I had planned to catch Georgia and Hjaltalín at the Reykjavík Art Museum, but the venue was completely full. Rather than wait outside for the off chance that enough people would leave so I could go in, I decided to head to Dillon and see what kind of metal was playing there.
I caught the last couple songs of Alchemia’s set, the very last of which was called “Psycho Killer.” It’s still stuck in my head, and I suspect it will be for at least a week. Taking up residence with it is music from Paladin, the theme music for your next Dungeons and Dragons session.
Seriously, this is some fun music to jam out to. They’re power metal, so think heavy distortion, fierce string-bends, chugging riffs, high-climbing symphonic solos, epic double bass, and clean vocals that urge you to carry on in your quest. Unlike many other power metal groups, Paladin also growls and screams, which they still manage to make sound uplifting somehow. Unfortunately, I forgot my sword and shield at home, but I was able to procure some restorative potions from the bar to keep me in the fight. SPO
PianoWaves—yes, perhaps not the most groundbreaking title-spin on Airwaves. That said, it was one of the events I was most excited for this year. The idea of sitting inside the Nordic House in a cosy circle surrounding a Steinway listening to some sublime composers was, to be frank, exactly what I needed. It was like a spa getaway but cheaper. (The event was free.)
I arrived but a few minutes before Mikael Lind finished his set. I didn’t catch much, so I can’t necessarily give it that much of a review, but it was very ethereal—more like a soundscape than a traditional song. Of course, I only caught a bit, so take what I say with a grain of salt. That said, I’d absolutely love to hear his compositions again. Mikael, hit us up.

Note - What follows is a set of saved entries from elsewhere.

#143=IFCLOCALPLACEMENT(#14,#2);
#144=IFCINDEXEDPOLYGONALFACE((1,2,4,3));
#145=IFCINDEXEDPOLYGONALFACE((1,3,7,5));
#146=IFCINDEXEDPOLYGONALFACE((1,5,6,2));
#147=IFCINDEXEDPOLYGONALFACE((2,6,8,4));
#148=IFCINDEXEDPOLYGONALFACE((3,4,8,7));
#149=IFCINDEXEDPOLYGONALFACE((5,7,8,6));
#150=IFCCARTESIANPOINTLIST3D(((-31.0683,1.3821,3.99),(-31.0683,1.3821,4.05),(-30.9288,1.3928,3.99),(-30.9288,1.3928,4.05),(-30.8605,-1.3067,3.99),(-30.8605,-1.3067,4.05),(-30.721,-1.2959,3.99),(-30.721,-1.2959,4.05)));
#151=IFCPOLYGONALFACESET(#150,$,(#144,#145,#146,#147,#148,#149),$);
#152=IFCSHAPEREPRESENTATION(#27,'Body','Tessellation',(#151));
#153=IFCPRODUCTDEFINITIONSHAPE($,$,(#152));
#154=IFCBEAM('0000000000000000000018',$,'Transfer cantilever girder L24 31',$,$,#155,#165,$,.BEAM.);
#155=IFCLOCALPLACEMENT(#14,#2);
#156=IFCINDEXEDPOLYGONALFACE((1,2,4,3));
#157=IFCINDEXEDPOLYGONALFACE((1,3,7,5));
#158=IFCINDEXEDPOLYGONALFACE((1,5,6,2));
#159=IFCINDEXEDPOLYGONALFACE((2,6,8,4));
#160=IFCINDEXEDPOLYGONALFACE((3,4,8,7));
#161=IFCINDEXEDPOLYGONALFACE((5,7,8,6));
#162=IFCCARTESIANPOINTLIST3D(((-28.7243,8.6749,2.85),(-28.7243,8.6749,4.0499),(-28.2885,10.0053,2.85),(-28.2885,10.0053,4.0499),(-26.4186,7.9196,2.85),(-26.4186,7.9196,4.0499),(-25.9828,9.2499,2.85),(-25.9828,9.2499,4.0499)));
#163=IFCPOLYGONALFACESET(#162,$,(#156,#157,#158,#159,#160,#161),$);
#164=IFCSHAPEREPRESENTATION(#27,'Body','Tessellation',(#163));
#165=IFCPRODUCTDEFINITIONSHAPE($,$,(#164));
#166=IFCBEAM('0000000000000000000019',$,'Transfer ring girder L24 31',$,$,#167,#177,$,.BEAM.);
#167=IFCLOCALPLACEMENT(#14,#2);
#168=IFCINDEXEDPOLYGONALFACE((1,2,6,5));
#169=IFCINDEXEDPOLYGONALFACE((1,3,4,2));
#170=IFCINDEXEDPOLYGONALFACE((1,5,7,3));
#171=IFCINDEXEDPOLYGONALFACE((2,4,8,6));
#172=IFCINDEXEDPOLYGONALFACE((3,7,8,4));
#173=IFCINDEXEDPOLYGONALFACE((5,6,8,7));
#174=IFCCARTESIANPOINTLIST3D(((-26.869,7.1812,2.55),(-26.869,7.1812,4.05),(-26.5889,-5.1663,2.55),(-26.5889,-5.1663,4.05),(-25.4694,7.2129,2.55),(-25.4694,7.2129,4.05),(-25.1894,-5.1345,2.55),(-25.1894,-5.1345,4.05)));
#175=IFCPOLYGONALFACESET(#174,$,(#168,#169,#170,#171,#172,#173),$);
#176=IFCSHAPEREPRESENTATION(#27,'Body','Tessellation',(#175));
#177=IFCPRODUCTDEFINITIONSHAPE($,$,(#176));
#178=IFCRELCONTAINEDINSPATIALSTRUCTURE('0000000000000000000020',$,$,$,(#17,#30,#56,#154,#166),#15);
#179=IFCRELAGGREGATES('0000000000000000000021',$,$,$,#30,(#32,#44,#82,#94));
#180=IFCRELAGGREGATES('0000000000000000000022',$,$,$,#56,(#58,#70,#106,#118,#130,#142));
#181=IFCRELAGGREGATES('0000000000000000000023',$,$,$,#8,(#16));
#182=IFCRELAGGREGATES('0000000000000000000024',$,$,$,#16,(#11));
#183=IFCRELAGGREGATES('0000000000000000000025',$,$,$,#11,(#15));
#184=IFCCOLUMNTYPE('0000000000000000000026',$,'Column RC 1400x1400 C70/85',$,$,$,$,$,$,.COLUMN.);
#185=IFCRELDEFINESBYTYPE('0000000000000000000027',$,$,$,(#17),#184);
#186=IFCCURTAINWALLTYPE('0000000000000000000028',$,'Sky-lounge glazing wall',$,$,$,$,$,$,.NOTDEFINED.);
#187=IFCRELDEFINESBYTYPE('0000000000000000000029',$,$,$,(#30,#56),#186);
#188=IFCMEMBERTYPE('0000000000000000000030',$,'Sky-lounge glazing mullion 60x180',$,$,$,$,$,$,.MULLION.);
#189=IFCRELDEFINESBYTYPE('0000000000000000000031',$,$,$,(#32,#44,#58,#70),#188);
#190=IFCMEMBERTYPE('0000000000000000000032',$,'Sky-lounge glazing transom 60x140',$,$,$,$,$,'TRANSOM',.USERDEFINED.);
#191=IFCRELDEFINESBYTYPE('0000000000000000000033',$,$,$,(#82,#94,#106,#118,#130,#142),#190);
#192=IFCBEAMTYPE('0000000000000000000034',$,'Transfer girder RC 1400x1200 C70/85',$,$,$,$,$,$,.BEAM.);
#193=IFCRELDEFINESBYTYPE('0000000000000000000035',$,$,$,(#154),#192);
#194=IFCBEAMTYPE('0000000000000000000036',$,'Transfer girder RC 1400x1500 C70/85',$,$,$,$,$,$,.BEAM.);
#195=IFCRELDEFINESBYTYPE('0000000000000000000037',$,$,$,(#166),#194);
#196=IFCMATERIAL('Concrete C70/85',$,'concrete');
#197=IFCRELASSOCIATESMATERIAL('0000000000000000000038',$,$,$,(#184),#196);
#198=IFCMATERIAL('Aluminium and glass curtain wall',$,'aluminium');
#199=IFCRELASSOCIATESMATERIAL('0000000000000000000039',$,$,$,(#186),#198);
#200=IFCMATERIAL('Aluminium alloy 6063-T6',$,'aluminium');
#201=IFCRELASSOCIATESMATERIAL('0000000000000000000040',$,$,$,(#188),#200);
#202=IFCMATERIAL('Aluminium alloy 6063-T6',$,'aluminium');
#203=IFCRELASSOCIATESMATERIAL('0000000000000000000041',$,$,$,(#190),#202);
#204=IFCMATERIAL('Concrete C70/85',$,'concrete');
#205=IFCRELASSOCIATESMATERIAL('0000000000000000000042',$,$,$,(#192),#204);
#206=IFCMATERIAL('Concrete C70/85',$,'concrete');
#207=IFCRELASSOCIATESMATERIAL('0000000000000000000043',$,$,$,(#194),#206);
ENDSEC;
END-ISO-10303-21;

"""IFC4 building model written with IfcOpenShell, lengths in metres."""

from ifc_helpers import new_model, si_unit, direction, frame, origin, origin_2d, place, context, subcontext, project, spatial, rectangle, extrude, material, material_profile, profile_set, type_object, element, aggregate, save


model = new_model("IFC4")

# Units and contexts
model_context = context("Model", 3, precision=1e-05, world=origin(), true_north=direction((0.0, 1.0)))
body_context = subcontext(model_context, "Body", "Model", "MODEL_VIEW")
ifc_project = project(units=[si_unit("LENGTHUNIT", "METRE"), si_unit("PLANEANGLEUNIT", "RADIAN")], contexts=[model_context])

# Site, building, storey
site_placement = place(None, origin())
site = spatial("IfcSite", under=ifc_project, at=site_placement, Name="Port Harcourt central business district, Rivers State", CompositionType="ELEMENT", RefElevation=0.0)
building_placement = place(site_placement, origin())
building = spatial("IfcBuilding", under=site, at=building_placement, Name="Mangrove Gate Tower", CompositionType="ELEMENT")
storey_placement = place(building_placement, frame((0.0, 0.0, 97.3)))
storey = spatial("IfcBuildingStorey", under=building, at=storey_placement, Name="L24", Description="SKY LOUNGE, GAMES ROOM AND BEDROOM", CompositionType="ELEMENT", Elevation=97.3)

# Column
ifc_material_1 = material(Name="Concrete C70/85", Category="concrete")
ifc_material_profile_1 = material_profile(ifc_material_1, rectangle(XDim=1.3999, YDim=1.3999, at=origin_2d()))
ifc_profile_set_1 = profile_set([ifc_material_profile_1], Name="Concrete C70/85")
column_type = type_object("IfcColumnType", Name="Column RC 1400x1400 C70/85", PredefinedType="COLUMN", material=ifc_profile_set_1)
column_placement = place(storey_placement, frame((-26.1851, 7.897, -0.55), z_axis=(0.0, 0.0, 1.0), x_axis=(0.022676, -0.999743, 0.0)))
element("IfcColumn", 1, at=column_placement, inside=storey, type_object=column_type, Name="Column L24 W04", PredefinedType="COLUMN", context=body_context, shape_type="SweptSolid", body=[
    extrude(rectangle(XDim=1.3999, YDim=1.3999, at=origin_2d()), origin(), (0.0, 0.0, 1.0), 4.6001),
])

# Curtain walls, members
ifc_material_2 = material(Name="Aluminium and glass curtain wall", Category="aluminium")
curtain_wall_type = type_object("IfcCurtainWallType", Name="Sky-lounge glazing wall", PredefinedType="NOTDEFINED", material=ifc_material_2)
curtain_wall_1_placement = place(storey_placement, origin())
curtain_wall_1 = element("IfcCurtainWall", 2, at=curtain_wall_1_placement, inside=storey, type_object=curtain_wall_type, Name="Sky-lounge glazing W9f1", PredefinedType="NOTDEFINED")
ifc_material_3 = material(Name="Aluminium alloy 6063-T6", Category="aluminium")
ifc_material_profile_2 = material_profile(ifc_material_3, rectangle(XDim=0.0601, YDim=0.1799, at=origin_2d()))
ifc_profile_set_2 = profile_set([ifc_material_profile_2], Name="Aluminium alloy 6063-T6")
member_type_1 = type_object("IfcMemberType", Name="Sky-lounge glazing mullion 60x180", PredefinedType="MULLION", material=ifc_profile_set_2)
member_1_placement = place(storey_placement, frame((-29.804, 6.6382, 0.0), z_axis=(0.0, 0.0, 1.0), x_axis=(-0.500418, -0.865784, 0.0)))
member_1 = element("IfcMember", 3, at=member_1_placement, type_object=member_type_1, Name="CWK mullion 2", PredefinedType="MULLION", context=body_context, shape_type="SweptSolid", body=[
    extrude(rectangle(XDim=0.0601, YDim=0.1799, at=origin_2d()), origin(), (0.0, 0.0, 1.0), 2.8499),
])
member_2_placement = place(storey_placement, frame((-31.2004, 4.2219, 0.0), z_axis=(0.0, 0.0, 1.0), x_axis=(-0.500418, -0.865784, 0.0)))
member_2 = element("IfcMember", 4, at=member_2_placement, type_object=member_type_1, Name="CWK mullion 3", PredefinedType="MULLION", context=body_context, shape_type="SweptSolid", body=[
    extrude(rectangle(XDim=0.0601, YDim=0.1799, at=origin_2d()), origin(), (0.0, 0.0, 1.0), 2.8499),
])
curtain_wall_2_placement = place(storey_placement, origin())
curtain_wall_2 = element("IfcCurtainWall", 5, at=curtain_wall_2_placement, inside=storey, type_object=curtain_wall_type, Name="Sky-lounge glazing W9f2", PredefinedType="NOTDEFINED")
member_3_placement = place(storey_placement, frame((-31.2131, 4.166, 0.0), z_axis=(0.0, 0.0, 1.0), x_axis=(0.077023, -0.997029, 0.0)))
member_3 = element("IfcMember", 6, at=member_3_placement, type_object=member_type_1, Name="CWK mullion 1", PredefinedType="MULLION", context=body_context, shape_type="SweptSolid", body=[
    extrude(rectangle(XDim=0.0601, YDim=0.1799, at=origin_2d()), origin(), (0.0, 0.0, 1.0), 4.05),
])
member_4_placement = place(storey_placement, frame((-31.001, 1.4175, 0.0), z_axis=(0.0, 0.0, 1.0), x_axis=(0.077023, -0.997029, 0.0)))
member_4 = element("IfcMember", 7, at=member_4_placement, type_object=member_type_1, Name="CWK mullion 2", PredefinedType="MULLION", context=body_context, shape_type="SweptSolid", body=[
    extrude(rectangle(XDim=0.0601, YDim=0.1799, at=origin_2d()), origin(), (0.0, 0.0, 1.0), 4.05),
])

Next up was who I had come to the show for: Gabríel Ólafs. I’m a massive fan of his minimal, romantic piano works. They really transport me into another world—one where everything is crisp and beautiful and there is no more global warming. Will someone show his work to Greta?
Anyway, within the break between Mikael and Gabríel, I managed to snag the seat right next to the piano so I was pretty much as close as you could be to the composer. As a pianist, I was very anxious to see his technique up close. As a normal individual, I tried to not look so interested in his fingerings. It seemed somewhat creepy.
But Gabríel didn’t disappoint. Decked out in a astronaut-esque jumpsuit with wide framed glasses, he turned the room into a whirlwind of crisp, roaming, graceful harmonies. His music, while traditionally minimalist, is weirdly unpredictable. He has a very innate feel for tones, and would often make you think he was going to do one progression before lightly switching to another, equally beautiful, completely unexpected one. I found myself doing embarrassing things like nodding my head with my eyes closed while saying, “Hmmm!”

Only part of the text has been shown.